Co-authors: The TDS SciDAC Team

Contact Info:
Los Alamos National Laboratory
T-5 Applied Math & Plasma Phys
Los Alamos, NM   87545
USA

Abstract Text:
Tokamak disruption mitigation requires an integrated solution to (1) accommodate the plasma thermal energy release, also known as a thermal quench, under the constraint of acceptable first wall damage, and (2) to suppress the runaway generation if possible, or terminate the runaway current without inflicting unacceptable damage on the first wall, as well as (3) to limit the electro- magnetic forces on the blanket and vessel due to inductively driven wall current.
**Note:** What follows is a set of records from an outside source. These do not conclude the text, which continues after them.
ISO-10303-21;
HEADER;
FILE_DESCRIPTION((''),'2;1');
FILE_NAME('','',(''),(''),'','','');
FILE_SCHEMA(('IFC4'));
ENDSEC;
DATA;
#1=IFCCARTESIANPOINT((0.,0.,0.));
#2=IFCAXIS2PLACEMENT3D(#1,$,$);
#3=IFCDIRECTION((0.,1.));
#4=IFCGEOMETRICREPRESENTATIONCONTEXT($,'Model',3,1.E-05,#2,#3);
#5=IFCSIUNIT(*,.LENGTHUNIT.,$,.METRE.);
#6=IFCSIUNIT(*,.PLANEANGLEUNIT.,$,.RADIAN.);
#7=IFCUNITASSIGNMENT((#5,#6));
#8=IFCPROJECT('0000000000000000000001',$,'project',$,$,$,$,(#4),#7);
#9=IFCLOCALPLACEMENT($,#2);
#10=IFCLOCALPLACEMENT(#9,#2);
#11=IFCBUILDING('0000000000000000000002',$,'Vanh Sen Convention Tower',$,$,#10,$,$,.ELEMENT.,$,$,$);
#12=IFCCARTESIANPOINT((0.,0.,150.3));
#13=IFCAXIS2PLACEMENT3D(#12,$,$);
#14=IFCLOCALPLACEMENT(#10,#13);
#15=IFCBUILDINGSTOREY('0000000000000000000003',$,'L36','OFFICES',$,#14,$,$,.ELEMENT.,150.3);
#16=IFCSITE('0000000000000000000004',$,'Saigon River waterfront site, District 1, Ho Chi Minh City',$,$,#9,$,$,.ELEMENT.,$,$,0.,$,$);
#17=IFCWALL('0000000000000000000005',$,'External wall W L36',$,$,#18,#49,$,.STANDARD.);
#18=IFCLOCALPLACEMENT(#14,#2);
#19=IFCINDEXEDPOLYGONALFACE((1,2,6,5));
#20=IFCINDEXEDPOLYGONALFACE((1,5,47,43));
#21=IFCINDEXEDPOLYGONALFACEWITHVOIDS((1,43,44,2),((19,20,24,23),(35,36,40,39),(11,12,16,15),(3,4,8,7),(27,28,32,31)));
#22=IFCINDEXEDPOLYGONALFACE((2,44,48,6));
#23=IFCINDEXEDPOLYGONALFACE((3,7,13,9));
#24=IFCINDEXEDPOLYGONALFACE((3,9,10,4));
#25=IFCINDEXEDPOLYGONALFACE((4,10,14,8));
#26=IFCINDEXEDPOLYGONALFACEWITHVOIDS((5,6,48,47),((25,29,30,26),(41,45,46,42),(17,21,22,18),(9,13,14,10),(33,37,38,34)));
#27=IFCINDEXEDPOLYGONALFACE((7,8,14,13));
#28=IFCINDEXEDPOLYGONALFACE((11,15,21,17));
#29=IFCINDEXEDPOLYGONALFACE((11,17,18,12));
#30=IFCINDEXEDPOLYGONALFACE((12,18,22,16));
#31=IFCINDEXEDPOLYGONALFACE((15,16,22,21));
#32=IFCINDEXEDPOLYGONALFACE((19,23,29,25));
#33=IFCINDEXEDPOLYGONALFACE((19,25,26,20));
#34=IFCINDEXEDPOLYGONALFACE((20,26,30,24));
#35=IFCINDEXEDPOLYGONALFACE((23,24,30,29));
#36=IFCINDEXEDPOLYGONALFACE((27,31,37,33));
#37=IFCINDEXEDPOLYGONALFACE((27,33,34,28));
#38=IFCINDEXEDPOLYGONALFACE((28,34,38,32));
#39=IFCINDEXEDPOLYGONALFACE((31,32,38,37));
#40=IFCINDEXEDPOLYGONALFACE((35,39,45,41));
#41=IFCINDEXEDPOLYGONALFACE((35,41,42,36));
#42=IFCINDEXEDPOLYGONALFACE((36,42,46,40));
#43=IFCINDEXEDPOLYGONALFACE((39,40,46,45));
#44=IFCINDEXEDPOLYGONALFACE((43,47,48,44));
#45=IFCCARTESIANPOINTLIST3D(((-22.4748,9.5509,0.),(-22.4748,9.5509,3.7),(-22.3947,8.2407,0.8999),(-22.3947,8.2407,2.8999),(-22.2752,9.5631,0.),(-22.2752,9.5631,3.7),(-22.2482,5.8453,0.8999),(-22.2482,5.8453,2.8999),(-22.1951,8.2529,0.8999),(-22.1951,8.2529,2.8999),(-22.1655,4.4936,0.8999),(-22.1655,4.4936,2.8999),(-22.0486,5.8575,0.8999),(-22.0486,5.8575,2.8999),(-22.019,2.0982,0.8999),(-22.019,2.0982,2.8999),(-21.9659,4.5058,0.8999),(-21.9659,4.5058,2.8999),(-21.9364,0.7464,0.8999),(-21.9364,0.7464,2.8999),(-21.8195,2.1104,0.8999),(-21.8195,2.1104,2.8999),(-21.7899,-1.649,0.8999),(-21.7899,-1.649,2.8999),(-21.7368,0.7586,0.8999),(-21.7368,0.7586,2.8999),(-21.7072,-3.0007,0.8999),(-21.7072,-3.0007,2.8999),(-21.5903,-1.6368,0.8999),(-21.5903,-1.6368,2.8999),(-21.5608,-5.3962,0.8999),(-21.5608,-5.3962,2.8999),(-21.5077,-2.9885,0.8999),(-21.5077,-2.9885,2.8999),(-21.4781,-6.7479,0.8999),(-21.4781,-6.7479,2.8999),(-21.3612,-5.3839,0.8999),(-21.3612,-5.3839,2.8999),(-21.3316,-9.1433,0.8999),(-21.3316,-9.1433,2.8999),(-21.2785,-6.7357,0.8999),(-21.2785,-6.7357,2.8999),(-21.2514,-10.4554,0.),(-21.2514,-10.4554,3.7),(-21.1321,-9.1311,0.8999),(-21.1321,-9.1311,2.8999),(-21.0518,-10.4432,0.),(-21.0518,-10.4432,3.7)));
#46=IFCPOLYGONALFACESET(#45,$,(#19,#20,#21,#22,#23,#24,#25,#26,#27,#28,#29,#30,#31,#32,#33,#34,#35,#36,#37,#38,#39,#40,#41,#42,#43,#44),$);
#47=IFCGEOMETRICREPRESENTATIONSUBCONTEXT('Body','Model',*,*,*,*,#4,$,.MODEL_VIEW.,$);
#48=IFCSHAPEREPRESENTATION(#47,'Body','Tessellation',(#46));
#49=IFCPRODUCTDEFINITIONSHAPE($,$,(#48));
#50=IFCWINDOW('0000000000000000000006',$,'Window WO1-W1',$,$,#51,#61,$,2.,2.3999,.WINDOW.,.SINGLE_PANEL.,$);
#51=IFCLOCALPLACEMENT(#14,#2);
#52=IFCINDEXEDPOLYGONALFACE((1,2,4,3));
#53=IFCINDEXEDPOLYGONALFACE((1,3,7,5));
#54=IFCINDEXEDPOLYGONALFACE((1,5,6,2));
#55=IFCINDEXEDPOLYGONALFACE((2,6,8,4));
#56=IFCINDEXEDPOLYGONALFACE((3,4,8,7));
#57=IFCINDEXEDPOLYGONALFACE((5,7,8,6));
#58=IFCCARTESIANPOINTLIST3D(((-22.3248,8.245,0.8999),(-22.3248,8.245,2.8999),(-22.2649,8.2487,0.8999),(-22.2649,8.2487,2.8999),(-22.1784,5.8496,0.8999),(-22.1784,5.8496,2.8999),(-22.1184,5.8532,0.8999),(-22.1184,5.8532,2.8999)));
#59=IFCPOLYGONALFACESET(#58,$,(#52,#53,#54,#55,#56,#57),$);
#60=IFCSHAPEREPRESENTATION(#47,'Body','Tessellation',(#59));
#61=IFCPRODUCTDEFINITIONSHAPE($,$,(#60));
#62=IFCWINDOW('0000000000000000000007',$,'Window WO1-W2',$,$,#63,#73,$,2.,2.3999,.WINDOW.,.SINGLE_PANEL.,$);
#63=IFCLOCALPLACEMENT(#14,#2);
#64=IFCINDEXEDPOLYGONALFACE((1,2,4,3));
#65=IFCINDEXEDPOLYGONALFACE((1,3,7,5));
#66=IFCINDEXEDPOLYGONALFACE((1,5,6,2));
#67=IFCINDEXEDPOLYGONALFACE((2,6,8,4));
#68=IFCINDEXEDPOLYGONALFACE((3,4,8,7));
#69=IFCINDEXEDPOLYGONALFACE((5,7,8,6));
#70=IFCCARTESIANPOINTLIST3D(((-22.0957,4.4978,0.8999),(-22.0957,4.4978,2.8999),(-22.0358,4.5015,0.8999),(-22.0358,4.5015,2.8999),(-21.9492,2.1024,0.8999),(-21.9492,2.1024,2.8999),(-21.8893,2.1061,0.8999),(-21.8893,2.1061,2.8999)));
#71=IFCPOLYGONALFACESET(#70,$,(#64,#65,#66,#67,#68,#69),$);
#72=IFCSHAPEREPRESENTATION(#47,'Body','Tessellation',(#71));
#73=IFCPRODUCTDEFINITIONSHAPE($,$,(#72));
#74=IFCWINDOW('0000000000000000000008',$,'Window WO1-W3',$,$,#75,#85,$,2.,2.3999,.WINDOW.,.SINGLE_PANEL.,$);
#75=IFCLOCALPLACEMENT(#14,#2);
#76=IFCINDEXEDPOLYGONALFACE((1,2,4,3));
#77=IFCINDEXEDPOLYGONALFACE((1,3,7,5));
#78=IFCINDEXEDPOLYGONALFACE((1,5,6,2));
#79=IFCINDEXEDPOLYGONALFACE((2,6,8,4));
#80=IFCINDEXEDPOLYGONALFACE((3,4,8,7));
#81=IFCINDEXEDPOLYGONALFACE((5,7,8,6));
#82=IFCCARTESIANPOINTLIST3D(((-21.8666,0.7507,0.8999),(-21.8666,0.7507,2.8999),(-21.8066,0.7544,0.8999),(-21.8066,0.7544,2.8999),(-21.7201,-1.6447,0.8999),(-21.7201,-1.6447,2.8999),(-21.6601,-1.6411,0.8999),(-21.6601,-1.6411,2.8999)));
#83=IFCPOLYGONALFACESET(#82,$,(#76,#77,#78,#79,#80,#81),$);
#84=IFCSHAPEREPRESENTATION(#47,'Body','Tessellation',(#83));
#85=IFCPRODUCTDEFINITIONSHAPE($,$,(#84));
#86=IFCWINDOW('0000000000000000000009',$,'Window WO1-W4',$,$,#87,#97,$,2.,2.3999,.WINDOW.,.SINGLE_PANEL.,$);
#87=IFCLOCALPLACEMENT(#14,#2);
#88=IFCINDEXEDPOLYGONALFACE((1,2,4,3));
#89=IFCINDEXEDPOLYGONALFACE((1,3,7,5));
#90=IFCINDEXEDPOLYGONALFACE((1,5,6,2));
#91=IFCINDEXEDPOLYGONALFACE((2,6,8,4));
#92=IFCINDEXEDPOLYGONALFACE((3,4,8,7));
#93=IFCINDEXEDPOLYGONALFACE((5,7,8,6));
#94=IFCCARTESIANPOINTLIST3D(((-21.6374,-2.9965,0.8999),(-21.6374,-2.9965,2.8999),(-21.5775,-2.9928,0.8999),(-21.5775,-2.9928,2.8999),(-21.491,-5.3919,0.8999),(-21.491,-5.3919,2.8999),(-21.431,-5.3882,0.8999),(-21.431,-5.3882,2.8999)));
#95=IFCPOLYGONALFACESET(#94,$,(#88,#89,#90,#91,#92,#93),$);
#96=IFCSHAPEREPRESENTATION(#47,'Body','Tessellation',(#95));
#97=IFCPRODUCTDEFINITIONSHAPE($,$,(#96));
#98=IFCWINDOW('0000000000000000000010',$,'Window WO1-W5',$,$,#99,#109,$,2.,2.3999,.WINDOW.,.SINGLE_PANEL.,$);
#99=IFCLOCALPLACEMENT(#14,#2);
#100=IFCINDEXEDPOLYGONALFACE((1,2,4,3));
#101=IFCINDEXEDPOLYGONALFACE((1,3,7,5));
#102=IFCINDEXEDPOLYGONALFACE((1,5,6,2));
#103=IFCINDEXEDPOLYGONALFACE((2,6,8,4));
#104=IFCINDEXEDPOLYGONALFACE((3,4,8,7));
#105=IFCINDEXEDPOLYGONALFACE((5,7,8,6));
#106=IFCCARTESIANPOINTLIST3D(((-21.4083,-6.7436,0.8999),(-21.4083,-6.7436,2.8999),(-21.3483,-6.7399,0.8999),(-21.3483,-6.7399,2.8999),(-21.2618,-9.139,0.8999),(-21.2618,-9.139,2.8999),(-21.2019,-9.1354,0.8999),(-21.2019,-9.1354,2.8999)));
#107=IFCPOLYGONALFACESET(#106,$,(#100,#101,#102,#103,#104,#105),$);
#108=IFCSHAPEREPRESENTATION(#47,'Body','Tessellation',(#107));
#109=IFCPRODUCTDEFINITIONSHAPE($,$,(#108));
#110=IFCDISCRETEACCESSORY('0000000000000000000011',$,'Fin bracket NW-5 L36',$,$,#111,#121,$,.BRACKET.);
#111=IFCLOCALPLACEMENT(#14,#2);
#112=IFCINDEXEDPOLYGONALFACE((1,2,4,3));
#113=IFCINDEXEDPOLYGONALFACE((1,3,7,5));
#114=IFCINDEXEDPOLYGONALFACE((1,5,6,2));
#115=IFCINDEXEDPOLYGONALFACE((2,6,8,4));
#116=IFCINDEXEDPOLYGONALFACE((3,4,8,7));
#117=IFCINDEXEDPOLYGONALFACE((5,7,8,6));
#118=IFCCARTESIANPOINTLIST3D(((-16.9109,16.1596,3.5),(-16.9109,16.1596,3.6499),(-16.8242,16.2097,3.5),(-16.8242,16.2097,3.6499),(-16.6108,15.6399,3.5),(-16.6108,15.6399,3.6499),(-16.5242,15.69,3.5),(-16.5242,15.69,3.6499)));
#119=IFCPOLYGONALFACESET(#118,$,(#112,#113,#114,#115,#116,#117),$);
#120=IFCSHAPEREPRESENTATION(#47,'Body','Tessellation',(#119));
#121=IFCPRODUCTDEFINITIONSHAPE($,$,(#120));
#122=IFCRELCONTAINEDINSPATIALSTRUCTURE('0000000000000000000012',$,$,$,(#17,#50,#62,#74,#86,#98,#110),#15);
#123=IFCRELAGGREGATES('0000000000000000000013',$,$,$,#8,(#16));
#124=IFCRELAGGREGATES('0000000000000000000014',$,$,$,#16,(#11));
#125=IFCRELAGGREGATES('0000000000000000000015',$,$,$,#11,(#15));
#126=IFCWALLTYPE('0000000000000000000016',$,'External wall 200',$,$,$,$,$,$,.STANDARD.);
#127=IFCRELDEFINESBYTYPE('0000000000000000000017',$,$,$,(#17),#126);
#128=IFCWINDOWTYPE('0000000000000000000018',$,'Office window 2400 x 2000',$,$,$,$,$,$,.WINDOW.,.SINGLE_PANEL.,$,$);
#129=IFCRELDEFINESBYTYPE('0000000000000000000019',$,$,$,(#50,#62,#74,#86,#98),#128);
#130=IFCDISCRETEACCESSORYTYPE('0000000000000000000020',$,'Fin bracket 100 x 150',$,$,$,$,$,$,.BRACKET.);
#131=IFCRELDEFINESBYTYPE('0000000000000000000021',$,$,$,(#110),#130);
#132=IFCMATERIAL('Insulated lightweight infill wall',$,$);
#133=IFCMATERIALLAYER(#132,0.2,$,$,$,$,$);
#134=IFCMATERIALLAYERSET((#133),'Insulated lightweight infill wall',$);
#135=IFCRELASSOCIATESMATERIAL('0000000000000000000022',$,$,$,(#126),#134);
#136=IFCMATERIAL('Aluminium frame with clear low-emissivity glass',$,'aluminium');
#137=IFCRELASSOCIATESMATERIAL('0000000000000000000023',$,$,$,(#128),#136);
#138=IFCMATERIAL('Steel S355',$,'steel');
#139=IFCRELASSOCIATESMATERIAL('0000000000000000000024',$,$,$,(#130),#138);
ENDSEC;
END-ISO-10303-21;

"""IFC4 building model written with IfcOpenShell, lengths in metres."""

from ifc_helpers import new_model, si_unit, direction, frame, frame_2d, origin, origin_2d, place, context, subcontext, project, spatial, rectangle, extrude, material, layer, layer_set, type_object, element, fill, save


model = new_model("IFC4")

# Units and contexts
model_context = context("Model", 3, precision=1e-05, world=origin(), true_north=direction((0.0, 1.0)))
body_context = subcontext(model_context, "Body", "Model", "MODEL_VIEW")
ifc_project = project(units=[si_unit("LENGTHUNIT", "METRE"), si_unit("PLANEANGLEUNIT", "RADIAN")], contexts=[model_context])

# Site, building, storey
site_placement = place(None, origin())
site = spatial("IfcSite", under=ifc_project, at=site_placement, Name="Saigon River waterfront site, District 1, Ho Chi Minh City", CompositionType="ELEMENT", RefElevation=0.0)
building_placement = place(site_placement, origin())
building = spatial("IfcBuilding", under=site, at=building_placement, Name="Vanh Sen Convention Tower", CompositionType="ELEMENT")
storey_placement = place(building_placement, frame((0.0, 0.0, 150.3)))
storey = spatial("IfcBuildingStorey", under=building, at=storey_placement, Name="L36", Description="OFFICES", CompositionType="ELEMENT", Elevation=150.3)

# Shared definitions
ifc_material_1 = material(Name="Insulated lightweight infill wall")
ifc_layer_1 = layer(ifc_material_1, 0.2)
ifc_layer_set_1 = layer_set([ifc_layer_1], Name="Insulated lightweight infill wall")
wall_type_1 = type_object("IfcWallType", Name="External wall 200", PredefinedType="STANDARD", material=ifc_layer_set_1)
ifc_material_2 = material(Name="Aluminium frame with clear low-emissivity glass", Category="aluminium")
While ITER’s disruption mitigation approach has focused on pellet injection using a combination of low-Z and high-Z atoms, other approaches such as inductively charged 3D field coils for sustained 3D magnetic perturbation and wave injections have also been considered. The TDS SciDAC Project has been developing the physics understanding of topical and coupled physics, and coming up with advanced simulations to address them. Here we report progress toward a whole device modeling capability for tokamak disruption simulation that aims to explore physics paths toward effective mitigation. New physics understandings and computational capabilities in the area of whole device MHD including the wall/blanket/vessel feedback, collisional radiative modeling accounting for relativistic electrons and same/cross species charge exchange, runaway dynamics in momentum space, and the physics of plasma thermal quench, will be reported. Potentials and critical issues with various proposed mitigation strategies will be discussed as well.
TDS SciDAC Project is jointly supported by the Office of Fusion Energy Sciences and Office of Advanced Scientific Computing Research.